NASHVILLE – A slow stroll through the Nissan Stadium parking lot felt like a walk through a small town in Mexico at Christmas time. The leisurely jaunt Wednesday night before the Mexican national team’s game against Panama was reminiscent of walking through Arandas, Jalisco, during the holidays.

You saw license plates from various U.S. states. And since they were home, they were going to live it up. 

That’s how it felt at Nissan Stadium before Mexico dominated Panama. Cheerful Mexico fans tailgated in front of cars and trucks with license plates from all over the South and Midwest.

You could see South Carolina, Mississippi,  Alabama, Georgia, neighboring Kentucky and Tennessee too, obviously. Idaho, Illinois, Indiana, Missouri, Nebraska, New Jersey, North Carolina, and Virginia were represented. Even Rhode Island and Utah plates were spotted. I even spied the Mexican state of Guanajuato. 
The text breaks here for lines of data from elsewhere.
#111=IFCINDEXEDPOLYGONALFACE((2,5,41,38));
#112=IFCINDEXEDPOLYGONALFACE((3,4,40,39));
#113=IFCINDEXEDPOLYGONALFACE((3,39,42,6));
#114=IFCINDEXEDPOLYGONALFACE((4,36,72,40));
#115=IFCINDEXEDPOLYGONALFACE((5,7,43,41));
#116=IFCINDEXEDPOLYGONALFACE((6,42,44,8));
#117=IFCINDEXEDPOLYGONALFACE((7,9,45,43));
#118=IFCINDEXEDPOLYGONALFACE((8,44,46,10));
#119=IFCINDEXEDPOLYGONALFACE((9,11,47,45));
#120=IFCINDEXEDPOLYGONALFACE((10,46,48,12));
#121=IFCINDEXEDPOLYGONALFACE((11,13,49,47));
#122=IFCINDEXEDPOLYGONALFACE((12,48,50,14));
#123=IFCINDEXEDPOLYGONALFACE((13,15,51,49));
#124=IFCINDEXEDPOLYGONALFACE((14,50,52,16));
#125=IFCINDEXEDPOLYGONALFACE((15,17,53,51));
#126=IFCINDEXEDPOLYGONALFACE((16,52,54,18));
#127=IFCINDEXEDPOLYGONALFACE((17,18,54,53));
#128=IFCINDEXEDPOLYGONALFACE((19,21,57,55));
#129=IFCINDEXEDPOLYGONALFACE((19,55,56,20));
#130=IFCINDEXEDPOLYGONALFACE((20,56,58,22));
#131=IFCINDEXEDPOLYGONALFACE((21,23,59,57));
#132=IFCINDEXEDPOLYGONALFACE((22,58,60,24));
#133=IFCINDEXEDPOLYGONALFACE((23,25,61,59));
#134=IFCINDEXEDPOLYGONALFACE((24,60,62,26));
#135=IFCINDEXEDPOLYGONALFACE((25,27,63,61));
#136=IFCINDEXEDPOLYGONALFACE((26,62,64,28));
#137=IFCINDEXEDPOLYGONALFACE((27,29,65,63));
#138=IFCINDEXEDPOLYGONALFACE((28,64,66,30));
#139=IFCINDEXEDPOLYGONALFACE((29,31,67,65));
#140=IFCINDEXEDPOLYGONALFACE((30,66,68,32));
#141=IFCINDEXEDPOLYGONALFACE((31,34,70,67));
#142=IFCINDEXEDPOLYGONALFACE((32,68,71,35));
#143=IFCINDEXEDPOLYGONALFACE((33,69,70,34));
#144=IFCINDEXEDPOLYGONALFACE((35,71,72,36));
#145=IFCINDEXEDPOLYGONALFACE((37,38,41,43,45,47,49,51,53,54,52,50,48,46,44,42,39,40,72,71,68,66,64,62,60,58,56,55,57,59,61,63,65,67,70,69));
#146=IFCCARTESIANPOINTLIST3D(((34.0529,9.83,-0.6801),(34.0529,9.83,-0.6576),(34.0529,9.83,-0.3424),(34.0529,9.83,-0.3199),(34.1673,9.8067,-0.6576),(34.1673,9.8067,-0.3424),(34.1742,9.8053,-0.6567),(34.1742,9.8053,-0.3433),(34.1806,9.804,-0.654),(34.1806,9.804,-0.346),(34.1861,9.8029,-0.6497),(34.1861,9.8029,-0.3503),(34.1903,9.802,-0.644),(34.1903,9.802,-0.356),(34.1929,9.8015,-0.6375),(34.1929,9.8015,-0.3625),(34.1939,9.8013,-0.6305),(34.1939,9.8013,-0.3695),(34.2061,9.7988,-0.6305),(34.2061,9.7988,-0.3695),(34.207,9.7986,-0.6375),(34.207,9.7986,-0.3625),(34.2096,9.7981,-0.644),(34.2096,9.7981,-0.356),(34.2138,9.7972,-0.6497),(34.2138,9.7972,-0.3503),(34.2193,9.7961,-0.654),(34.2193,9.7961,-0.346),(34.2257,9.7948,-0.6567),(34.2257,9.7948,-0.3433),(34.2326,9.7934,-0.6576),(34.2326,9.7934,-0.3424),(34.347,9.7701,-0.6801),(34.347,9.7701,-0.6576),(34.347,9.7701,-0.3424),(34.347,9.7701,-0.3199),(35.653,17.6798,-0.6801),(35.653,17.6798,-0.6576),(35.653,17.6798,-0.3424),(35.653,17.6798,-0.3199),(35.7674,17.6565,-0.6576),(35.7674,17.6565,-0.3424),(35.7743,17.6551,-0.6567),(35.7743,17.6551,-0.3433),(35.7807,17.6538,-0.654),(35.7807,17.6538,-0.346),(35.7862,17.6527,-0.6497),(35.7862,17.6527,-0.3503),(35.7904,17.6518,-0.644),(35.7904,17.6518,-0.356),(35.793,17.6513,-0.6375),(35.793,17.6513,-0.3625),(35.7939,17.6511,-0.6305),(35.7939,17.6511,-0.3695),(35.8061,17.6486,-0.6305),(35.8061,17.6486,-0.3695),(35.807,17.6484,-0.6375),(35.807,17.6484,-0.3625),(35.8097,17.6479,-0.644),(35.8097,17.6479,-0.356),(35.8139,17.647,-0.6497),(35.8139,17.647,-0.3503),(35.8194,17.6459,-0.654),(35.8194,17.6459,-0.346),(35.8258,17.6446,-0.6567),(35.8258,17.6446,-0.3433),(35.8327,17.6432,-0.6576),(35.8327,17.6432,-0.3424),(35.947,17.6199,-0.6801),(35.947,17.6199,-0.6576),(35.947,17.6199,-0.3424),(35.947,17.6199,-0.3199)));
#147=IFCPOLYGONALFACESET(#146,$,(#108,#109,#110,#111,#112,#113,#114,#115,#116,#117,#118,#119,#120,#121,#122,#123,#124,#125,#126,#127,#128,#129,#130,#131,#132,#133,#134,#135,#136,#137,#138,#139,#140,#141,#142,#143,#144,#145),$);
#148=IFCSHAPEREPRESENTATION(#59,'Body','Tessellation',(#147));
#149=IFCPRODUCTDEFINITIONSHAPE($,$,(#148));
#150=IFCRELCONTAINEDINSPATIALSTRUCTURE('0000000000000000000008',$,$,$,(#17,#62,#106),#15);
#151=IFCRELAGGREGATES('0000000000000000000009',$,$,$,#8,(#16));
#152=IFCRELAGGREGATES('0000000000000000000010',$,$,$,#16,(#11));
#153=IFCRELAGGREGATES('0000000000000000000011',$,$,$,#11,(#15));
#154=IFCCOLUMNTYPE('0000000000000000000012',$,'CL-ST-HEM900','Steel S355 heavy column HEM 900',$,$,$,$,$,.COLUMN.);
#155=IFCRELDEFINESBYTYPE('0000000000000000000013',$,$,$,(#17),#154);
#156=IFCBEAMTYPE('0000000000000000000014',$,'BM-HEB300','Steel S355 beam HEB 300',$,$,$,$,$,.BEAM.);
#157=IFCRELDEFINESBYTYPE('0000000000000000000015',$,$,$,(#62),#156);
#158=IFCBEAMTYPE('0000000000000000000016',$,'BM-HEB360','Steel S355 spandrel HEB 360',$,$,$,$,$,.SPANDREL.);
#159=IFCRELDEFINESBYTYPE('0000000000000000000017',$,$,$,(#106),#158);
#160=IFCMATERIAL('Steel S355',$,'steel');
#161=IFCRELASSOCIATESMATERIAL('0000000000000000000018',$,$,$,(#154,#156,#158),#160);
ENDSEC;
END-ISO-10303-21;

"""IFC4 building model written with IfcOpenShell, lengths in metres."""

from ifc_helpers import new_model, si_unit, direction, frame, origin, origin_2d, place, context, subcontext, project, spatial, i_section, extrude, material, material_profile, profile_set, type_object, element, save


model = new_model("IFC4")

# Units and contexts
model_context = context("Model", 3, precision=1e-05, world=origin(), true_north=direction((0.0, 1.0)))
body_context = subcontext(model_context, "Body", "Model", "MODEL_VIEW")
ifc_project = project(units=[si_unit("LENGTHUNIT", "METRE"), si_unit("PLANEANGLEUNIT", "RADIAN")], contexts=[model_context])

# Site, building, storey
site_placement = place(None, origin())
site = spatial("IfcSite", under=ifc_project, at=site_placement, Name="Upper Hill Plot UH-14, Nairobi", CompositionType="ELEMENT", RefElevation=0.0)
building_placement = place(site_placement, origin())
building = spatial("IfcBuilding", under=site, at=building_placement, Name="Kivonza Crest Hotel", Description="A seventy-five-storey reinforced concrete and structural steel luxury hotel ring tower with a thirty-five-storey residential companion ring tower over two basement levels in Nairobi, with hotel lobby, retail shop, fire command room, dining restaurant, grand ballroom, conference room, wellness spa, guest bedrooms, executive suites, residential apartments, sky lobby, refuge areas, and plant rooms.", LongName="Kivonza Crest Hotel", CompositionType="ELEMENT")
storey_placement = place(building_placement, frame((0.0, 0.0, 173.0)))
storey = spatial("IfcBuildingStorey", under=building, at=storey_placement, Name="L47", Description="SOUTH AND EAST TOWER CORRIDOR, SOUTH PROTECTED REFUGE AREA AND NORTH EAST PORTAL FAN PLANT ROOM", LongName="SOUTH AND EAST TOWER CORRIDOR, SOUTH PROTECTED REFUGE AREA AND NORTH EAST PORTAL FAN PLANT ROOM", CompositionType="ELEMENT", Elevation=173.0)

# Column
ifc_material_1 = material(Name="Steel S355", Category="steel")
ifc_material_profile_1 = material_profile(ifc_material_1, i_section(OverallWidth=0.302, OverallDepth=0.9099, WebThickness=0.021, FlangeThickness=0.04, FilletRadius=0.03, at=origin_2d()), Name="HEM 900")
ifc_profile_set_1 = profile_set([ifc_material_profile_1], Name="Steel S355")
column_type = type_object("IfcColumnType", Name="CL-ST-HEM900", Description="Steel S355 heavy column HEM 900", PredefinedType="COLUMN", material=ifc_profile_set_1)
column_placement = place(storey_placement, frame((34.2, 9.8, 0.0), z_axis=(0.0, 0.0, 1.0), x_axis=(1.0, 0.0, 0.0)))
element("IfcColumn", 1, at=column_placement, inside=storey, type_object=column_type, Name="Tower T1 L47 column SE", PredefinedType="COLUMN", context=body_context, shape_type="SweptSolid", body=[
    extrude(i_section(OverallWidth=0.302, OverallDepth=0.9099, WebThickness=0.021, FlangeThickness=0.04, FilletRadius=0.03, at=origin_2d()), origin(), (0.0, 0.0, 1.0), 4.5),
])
The crowd of 30,386 created a beautiful display of the Mexican diaspora getting together, just like Christmas time in the old pueblo. El Tri delivered an impressive 3-0 victory over Panama on an oppressively humid day.

Diego Lainez shines for Mexico

Starlet Diego Lainez entertained the crowd with his creativity and fancy footwork, opening the scoring. He was easily the man of the match.

The biggest story of the game, though, ended up being the crowd behavior. The pro-Mexico fans followed the guidance of the multiple visual, audio and video requests by not chanting “puto.”

Of the five MexTour games this was the most interesting leading up to the contest. Sure, Mexico plays Panama in two upcoming World Cup qualifiers, including one in September. 

This night was more than strictly a soccer story. The FIFA sanctions loomed. Nobody knew what would happen in the first game after Mexico was sanctioned by FIFA for their fans’ behavior.

Major credit goes to the Mexican Soccer Federation, star goalkeeper Memo Ochoa an fan group Pancho Villa’s Army for making their best pre-game efforts to squash any potential bad behavior. 

Mexico
Mexico fans prepare for El Tri’s 3-0 victory over Panama on June 30 at Nashville’s Nissan Stadium. Photo by Juan Lozano.


FIFA recently hammered El Tri by forcing Mexico to play its next two home World Cup qualifiers without fans in the stands. Those penalties were handed down because the crowd at the recently Olympic qualifiers in Guadalajara kept chanting their infamous homophobic chant.

El Tri fans get FIFA message

It’s almost as if the FIFA sanction needed to happen to shake a fanbase and to get them to take FIFA’s actions seriously.

There is one game left on the MexTour, Saturday in Los Angeles against the Super Eagles of Nigeria. Then El Tri will play the Gold Cup in Mexico and the Olympic Games in Tokyo. 

Anything can happen. Progress can sometimes be slow, but hopefully this is the last time we have to worry about the behavior of the fans impacting games. 

We collectively have to be beyond the chant now. It does not matter what we think of the chant. 

The free speech analysis is inapplicable and inappropriate on this issue. What’s important is that FIFA has issued a ruling, and FMF avails itself to FIFA’s rules.

Mexico stars urge fans to drop their infamous chant.

It has to stop. The chant was not heard Wednesday, so Mexico won twice at Nissan Stadium – on and off the field.

But this isn’t something El Tri fans should just do because FIFA demands it. This move is important because it is the right thing to do. We have to acknowledge the value of an evolving standard of collective behavior. Let’s hope that the message at the end of FMF’s video appeals to the fans.

“Let’s Chant for the Mexico of Today” should be complied with tomorrow and forever.